I prefer dividends to buybacks.

Companies tend to announce buybacks when things are going well and their stock
is fully priced. How many companies were announcing buybacks in December 2008
when it would have really made sense?

------
joelhaus
Nassim Taleb comes to a similar conclusion, but with much better examples (one
of the best Planet Money Podcasts ever IMO... just posted it here:
<http://news.ycombinator.com/item?id=1623713>)

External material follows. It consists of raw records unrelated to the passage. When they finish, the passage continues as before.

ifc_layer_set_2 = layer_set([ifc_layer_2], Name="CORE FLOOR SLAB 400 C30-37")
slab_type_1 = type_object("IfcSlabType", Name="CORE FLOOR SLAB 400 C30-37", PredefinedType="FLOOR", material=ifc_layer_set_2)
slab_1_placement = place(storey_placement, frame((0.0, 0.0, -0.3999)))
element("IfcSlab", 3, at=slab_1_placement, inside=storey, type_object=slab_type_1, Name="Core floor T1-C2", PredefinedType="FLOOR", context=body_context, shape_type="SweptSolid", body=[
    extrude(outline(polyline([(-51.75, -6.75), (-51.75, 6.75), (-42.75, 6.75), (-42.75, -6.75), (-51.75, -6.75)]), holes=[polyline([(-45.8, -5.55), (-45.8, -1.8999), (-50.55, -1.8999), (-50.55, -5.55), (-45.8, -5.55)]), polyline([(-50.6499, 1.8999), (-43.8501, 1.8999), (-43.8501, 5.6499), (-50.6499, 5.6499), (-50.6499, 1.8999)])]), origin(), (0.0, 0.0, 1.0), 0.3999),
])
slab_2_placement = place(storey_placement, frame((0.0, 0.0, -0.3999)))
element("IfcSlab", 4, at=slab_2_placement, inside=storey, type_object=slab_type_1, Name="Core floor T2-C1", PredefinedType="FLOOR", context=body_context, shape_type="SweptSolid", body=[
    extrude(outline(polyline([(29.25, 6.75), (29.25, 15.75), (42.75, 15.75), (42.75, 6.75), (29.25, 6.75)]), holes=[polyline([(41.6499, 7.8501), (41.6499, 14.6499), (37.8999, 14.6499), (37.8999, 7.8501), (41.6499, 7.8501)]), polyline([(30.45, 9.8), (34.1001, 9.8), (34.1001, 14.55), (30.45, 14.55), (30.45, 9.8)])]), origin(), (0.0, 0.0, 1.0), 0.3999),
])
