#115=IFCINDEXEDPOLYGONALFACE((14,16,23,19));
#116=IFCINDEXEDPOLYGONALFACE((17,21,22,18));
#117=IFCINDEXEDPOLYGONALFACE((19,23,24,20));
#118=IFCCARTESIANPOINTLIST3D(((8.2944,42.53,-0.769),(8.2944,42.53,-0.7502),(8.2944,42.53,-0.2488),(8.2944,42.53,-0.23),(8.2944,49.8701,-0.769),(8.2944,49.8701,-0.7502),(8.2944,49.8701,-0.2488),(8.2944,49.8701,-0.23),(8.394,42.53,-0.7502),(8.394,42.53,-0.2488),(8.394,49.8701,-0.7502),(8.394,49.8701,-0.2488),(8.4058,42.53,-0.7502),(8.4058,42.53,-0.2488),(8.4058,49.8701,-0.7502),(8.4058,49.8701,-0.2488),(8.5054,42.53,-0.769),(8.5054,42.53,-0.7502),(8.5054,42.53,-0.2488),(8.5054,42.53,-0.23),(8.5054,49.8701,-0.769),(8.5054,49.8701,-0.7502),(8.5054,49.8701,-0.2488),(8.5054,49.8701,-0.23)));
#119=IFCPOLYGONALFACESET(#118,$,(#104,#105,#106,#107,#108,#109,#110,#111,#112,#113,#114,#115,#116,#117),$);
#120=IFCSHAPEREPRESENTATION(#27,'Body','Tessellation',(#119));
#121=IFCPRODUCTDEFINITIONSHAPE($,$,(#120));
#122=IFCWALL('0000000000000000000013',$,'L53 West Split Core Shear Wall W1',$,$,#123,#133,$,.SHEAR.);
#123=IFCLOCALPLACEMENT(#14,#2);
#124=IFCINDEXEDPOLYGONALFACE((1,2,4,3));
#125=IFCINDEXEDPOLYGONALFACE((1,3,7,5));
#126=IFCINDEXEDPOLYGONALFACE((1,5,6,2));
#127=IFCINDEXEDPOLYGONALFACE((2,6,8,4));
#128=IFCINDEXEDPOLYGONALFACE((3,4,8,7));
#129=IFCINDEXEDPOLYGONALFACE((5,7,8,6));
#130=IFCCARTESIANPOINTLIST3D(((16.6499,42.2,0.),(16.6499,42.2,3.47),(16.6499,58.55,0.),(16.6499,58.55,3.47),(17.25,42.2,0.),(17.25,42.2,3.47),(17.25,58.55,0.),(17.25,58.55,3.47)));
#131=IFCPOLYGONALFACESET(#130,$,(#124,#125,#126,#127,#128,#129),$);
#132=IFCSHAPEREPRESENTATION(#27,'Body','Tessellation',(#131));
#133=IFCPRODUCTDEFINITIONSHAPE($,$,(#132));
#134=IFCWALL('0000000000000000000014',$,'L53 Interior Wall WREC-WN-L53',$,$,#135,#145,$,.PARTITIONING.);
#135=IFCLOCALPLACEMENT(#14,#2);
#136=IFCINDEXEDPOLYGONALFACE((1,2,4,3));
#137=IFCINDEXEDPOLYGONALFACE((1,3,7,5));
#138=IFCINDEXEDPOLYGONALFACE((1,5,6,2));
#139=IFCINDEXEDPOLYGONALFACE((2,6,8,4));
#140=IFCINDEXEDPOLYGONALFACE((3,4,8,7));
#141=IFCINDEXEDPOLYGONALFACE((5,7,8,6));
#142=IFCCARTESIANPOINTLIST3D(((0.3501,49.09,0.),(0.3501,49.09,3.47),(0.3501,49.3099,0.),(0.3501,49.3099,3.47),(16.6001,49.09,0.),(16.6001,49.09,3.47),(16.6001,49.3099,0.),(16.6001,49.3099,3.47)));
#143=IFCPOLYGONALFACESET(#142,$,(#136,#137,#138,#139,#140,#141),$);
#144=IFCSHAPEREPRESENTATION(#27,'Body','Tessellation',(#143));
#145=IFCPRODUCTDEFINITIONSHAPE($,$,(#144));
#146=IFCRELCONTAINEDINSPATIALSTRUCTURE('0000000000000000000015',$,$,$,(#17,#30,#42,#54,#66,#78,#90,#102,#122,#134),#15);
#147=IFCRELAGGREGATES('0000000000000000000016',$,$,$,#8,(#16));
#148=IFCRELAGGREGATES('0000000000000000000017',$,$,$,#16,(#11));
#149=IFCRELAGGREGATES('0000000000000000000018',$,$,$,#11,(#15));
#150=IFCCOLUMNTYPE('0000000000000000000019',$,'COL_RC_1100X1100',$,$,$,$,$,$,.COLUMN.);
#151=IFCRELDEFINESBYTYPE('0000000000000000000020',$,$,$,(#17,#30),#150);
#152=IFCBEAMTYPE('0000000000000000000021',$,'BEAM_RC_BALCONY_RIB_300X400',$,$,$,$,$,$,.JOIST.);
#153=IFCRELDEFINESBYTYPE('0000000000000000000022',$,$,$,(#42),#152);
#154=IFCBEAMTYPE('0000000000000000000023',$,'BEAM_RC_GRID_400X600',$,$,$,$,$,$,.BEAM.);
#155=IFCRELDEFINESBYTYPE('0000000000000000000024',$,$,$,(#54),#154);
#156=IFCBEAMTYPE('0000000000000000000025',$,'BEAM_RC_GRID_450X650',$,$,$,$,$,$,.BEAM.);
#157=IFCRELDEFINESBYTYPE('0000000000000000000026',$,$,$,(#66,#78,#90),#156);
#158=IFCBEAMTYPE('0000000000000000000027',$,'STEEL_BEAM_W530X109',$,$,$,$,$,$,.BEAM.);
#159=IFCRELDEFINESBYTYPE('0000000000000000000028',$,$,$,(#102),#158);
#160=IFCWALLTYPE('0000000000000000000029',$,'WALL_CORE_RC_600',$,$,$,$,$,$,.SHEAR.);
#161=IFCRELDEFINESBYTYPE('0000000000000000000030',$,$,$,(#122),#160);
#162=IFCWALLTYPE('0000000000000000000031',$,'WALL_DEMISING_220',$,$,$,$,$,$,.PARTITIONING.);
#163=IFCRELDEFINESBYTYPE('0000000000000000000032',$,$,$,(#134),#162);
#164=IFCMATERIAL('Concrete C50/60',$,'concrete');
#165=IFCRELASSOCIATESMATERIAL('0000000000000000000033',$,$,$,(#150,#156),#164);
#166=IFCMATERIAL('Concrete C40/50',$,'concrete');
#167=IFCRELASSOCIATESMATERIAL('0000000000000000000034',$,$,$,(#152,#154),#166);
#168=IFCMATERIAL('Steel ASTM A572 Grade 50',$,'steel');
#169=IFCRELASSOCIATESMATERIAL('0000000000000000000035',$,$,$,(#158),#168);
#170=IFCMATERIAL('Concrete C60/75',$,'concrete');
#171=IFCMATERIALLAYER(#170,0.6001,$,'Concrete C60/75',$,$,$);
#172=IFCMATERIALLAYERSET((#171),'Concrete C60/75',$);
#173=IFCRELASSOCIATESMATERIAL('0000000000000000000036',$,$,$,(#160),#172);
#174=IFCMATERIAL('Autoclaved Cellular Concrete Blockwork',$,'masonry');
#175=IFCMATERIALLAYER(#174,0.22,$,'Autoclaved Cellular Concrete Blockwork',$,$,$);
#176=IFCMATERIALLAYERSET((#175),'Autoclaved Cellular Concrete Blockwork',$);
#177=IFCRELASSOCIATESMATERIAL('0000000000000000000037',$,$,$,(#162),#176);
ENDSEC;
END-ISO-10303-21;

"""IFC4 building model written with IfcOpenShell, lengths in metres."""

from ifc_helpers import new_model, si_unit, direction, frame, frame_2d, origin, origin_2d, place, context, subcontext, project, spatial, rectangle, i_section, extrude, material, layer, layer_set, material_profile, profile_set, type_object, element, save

 _Taleb slams Obama & the media, prefers recession over high deficits,
advocates clawbacks, slams forecasting models when high debt levels are
present and predicts the broad failure of public companies due to
fundamentally misaligned incentives._

That said, here are two (rather discomforting) counter arguments to both Cuban
and Taleb:

    
    
      1) A warning against credit derivatives 
      (or betting the market will go down): 
      "The market can stay irrational longer 
      than you can stay solvent." - Keynes
    
      2) In an inflationary environment, high levels of 
      long-term debt can actually be a good thing for the 
      issuers. It's the short-term debt that must be rolled
      over that creates most of the problems (e.g. ARM mortgages 
      and a majority of commercial loans).

------
Symmetry
You don't need to know more than the other market participants to do well in
the stock market, you just need to know one thing that other people don't
(assuming your investment is a tiny fraction of the money in the stocks you
pick). You should always expect that all the information on a product that is
accessible to Wallstreet traders is already factored into a stocks price, but
there may be things (does this product really make sense for someone like me
who lives in a small appartment, how will this inovation interact with the
stuff I learned in all those technical courses I took in college) that you
might better information about than the market makers.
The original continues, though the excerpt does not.